China's Wukong Satellite Reveals Key Mechanism of Cosmic Ray Acceleration
China Space

China's Wukong Satellite Reveals Key Mechanism of Cosmic Ray Acceleration

Tianjiangshuo·

China's Wukong Satellite Reveals Key Mechanism of Cosmic Ray Acceleration

Summary: On April 29, 2026, an international research team led by the Purple Mountain Observatory of the Chinese Academy of Sciences published a landmark discovery in Nature, using ten years of data from the Wukong dark matter particle detection satellite. The team found for the first time that the acceleration limit of cosmic rays depends on particle charge — revealing that nearby cosmic ray accelerators have a definitive upper limit for different charged particles. This finding is of great significance for understanding the origin of cosmic rays.

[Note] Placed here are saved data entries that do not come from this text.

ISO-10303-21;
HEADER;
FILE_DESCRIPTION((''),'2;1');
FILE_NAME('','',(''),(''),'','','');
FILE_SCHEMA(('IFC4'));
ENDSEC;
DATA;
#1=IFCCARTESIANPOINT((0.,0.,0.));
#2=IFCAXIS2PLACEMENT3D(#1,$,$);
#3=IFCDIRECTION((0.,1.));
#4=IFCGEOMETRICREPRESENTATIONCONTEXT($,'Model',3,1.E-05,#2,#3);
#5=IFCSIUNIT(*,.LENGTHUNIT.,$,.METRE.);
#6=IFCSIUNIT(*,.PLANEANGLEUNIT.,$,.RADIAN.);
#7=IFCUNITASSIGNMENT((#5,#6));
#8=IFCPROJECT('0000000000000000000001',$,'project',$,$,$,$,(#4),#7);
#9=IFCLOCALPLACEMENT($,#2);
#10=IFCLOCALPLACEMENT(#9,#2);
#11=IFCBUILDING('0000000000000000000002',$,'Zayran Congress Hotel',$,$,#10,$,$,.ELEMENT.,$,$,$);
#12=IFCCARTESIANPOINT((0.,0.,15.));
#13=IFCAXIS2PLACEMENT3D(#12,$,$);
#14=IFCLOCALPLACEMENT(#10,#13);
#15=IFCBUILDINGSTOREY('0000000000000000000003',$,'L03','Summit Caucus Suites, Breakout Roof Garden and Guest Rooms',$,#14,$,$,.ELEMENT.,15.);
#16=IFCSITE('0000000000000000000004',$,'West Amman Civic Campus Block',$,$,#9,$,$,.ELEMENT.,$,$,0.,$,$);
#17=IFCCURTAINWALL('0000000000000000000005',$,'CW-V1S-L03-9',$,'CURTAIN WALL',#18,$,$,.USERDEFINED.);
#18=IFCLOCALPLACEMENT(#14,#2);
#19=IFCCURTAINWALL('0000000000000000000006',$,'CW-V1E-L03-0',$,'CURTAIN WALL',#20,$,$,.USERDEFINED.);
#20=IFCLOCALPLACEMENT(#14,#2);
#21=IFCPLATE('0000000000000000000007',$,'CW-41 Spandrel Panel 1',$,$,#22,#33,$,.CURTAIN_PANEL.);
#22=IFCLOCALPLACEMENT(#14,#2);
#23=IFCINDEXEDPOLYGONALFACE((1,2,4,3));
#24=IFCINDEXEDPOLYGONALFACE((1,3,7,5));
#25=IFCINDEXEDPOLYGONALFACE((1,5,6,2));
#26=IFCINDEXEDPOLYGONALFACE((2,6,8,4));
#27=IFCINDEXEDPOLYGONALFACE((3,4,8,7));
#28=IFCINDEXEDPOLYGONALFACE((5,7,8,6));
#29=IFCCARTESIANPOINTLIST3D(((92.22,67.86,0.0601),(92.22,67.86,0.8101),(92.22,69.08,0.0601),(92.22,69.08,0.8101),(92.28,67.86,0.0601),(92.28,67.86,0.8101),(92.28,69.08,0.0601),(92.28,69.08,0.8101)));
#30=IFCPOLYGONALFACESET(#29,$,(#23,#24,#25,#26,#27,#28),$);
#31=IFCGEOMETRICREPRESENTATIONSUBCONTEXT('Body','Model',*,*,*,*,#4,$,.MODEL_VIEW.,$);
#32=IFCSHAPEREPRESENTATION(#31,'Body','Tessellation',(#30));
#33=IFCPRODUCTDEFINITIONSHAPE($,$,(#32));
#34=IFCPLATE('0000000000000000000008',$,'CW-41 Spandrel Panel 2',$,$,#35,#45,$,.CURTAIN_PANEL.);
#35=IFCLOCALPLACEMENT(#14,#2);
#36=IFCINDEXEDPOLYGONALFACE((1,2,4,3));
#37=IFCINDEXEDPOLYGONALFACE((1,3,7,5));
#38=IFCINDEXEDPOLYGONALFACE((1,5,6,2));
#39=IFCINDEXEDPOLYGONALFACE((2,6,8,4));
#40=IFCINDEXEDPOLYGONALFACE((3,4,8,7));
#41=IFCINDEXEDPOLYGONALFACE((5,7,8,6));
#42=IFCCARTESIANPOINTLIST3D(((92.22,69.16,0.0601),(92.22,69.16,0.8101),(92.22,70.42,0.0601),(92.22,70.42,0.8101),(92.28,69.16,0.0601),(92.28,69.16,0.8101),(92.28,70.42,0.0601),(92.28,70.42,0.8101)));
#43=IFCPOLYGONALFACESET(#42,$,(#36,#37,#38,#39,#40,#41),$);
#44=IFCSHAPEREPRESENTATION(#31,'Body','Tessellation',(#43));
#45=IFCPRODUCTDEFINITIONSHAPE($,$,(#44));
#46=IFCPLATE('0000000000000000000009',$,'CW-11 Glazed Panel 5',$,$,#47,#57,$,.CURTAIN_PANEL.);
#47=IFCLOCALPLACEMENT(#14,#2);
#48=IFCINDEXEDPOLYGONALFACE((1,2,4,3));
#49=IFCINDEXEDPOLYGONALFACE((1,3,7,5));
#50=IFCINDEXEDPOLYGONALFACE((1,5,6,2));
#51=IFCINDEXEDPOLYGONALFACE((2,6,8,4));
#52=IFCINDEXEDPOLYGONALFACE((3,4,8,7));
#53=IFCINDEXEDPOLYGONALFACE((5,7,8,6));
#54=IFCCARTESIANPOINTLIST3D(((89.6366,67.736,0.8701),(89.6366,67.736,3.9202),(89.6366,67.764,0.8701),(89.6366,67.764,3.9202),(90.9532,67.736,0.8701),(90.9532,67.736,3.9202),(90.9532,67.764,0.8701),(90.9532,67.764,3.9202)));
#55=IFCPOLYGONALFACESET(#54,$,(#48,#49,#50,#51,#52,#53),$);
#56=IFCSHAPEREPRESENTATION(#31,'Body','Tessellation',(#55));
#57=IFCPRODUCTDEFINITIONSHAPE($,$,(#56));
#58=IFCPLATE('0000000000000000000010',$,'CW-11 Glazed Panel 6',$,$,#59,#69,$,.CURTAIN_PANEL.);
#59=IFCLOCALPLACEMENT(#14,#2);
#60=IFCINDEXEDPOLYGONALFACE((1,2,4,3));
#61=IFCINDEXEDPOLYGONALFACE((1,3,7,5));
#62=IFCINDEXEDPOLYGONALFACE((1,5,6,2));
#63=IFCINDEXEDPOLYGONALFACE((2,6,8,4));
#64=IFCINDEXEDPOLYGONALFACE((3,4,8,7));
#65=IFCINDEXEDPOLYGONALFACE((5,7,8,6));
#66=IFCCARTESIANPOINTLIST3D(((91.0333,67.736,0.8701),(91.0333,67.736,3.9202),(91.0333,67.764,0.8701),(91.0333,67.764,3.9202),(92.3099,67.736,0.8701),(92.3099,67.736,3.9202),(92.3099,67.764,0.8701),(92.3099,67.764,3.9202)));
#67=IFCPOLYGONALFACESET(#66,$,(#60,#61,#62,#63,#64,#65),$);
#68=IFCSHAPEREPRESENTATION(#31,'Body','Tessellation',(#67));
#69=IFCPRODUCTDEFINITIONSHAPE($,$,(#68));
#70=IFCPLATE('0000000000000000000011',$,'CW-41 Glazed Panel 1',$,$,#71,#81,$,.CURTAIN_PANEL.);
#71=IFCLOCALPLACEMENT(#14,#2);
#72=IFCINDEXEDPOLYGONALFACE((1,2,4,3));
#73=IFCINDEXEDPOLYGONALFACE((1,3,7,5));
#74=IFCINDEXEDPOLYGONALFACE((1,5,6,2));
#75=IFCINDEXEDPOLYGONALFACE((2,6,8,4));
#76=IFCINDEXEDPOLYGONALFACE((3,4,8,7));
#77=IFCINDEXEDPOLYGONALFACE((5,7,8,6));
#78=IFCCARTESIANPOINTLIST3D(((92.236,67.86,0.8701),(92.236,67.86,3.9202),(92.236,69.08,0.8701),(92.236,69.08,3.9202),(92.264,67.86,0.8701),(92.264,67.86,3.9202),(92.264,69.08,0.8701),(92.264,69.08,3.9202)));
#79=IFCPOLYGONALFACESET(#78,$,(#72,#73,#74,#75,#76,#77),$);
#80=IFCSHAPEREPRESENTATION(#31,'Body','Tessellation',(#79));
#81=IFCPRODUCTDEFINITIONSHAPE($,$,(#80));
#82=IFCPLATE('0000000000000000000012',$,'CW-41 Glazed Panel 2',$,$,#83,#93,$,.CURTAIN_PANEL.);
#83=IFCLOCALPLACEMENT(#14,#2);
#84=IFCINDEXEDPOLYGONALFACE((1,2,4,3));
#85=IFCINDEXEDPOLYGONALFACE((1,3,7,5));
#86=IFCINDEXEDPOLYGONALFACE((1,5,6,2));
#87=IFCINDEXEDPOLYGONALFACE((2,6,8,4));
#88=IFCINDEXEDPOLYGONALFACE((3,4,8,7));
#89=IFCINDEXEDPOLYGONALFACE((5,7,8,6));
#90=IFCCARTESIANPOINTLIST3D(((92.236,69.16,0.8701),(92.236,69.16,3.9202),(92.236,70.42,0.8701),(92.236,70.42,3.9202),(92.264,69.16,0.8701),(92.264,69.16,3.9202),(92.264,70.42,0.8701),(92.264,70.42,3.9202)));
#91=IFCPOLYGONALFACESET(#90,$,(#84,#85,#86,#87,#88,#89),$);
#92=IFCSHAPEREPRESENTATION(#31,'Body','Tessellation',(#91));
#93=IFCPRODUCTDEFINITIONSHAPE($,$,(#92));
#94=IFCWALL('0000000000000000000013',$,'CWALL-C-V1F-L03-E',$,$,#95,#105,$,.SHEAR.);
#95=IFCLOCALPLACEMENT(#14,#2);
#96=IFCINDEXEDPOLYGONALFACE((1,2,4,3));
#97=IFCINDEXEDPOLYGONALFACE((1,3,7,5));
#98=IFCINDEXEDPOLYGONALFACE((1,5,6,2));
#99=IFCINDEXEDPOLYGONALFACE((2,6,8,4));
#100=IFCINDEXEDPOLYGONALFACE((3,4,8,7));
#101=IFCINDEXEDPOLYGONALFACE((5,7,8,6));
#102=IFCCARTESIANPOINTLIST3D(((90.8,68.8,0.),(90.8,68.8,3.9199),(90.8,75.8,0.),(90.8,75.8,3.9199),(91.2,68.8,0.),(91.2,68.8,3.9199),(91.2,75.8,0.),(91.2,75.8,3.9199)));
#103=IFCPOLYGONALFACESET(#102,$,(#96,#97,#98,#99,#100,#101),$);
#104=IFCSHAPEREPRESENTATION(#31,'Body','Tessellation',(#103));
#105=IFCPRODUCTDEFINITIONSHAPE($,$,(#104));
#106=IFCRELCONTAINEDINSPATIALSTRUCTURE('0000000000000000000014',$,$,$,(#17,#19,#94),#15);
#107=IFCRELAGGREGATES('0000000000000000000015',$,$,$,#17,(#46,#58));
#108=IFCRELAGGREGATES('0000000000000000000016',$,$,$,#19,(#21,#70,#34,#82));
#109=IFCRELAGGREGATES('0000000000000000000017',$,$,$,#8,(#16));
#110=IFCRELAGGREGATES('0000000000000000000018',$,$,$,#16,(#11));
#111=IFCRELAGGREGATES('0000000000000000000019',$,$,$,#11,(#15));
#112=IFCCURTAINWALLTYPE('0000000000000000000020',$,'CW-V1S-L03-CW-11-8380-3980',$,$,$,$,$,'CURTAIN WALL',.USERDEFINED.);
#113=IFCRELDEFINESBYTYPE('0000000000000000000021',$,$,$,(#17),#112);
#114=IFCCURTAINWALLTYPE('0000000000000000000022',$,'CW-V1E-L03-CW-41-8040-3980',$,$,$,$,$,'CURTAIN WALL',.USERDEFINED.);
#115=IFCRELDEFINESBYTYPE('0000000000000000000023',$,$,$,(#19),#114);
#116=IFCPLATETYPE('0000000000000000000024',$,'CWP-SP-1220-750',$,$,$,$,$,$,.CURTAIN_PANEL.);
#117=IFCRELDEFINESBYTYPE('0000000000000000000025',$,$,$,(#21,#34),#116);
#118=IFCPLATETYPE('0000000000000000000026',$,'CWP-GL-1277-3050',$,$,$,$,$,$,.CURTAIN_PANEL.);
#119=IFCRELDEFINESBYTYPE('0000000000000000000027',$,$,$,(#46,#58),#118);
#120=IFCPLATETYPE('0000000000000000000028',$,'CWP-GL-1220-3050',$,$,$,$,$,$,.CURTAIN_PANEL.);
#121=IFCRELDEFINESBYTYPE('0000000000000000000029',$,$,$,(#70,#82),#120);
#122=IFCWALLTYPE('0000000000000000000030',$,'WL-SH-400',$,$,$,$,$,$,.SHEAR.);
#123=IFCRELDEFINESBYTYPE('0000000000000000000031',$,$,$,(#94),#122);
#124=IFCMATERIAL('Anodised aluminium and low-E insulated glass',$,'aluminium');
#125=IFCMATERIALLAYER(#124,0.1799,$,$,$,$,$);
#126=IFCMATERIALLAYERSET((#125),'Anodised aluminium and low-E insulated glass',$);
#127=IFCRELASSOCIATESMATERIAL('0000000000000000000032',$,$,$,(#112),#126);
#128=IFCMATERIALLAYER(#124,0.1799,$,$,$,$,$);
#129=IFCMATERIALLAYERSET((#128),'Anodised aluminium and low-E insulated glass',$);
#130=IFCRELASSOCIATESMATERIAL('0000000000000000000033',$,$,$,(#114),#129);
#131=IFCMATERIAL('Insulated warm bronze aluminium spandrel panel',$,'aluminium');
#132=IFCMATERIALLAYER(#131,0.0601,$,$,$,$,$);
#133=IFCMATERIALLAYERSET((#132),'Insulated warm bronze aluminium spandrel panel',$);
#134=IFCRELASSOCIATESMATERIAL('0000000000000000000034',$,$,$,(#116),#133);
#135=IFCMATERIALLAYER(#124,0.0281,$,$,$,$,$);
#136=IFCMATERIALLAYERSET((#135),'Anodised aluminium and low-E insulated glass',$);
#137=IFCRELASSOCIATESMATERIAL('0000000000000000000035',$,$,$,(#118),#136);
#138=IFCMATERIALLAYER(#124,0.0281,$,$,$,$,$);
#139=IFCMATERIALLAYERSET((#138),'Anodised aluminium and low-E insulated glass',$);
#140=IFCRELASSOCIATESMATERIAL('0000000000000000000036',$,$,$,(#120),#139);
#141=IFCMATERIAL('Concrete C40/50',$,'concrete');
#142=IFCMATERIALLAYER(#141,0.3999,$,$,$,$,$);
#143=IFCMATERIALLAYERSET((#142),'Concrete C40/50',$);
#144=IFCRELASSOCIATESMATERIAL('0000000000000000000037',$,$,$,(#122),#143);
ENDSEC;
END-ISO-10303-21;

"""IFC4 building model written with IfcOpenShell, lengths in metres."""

from ifc_helpers import new_model, si_unit, direction, frame, frame_2d, origin, origin_2d, place, context, subcontext, project, spatial, rectangle, extrude, material, layer, layer_set, type_object, element, aggregate, save


model = new_model("IFC4")

# Units and contexts
model_context = context("Model", 3, precision=1e-05, world=origin(), true_north=direction((0.0, 1.0)))
body_context = subcontext(model_context, "Body", "Model", "MODEL_VIEW")
ifc_project = project(units=[si_unit("LENGTHUNIT", "METRE"), si_unit("PLANEANGLEUNIT", "RADIAN")], contexts=[model_context])

# Site, building, storey
site_placement = place(None, origin())
site = spatial("IfcSite", under=ifc_project, at=site_placement, Name="West Amman Civic Campus Block", CompositionType="ELEMENT", RefElevation=0.0)
building_placement = place(site_placement, origin())
building = spatial("IfcBuilding", under=site, at=building_placement, Name="Zayran Congress Hotel", CompositionType="ELEMENT")
storey_placement = place(building_placement, frame((0.0, 0.0, 15.0)))
storey = spatial("IfcBuildingStorey", under=building, at=storey_placement, Name="L03", Description="Summit Caucus Suites, Breakout Roof Garden and Guest Rooms", CompositionType="ELEMENT", Elevation=15.0)

# Curtain wall
ifc_material_1 = material(Name="Anodised aluminium and low-E insulated glass", Category="aluminium")
ifc_layer_1 = layer(ifc_material_1, 0.1799)
ifc_layer_set_1 = layer_set([ifc_layer_1], Name="Anodised aluminium and low-E insulated glass")
curtain_wall_type_1 = type_object("IfcCurtainWallType", Name="CW-V1S-L03-CW-11-8380-3980", ElementType="CURTAIN WALL", PredefinedType="USERDEFINED", material=ifc_layer_set_1)
curtain_wall_1_placement = place(storey_placement, origin())
curtain_wall_1 = element("IfcCurtainWall", 1, at=curtain_wall_1_placement, inside=storey, type_object=curtain_wall_type_1, Name="CW-V1S-L03-9", ObjectType="CURTAIN WALL", PredefinedType="USERDEFINED")

# Curtain wall
ifc_layer_2 = layer(ifc_material_1, 0.1799)
ifc_layer_set_2 = layer_set([ifc_layer_2], Name="Anodised aluminium and low-E insulated glass")
curtain_wall_type_2 = type_object("IfcCurtainWallType", Name="CW-V1E-L03-CW-41-8040-3980", ElementType="CURTAIN WALL", PredefinedType="USERDEFINED", material=ifc_layer_set_2)
curtain_wall_2_placement = place(storey_placement, origin())
curtain_wall_2 = element("IfcCurtainWall", 2, at=curtain_wall_2_placement, inside=storey, type_object=curtain_wall_type_2, Name="CW-V1E-L03-0", ObjectType="CURTAIN WALL", PredefinedType="USERDEFINED")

Conceptual illustration of the Wukong satellite (Credit: Purple Mountain Observatory / Nature)Credit: Purple Mountain Observatory / Nature

The Wukong dark matter particle detection satellite was launched on December 17, 2015, and has been operating smoothly in orbit for over 10 years, continuing to deliver exceptional scientific results beyond its original design life. The satellite carries 75,916 signal channels, making it China's most electronically complex satellite in orbit and the world's widest-energy-range space detector with the best energy resolution.

Using Wukong's powerful detection capabilities, the team precisely measured the energy distributions of the five most common cosmic ray particles — protons, helium, carbon, oxygen, and iron — and for the first time directly observed a consistent "bump" structure in their high-energy spectra. The maximum effective measurement energies for carbon, oxygen, and iron were improved by nearly 10 times compared to previous observations. Further analysis revealed that the position of this "bump" is directly proportional to the particle's charge.

Combining multiple observational datasets, the team concluded that there exists a nearby cosmic ray accelerator near Earth, and the "bump" in the energy spectrum marks the upper limit of that accelerator's capacity. This discovery provides new observational evidence for cosmic ray acceleration mechanisms and has profound implications for understanding the origin and propagation of cosmic rays.

Building on Wukong's success, the Purple Mountain Observatory, together with other Chinese institutions, has proposed the Very Large Area Gamma-ray Space Telescope (VLAST) — a next-generation gamma-ray detection project expected to achieve 10 times the performance of the current Fermi-LAT instrument, potentially opening new frontiers in dark matter research and cosmic ray studies.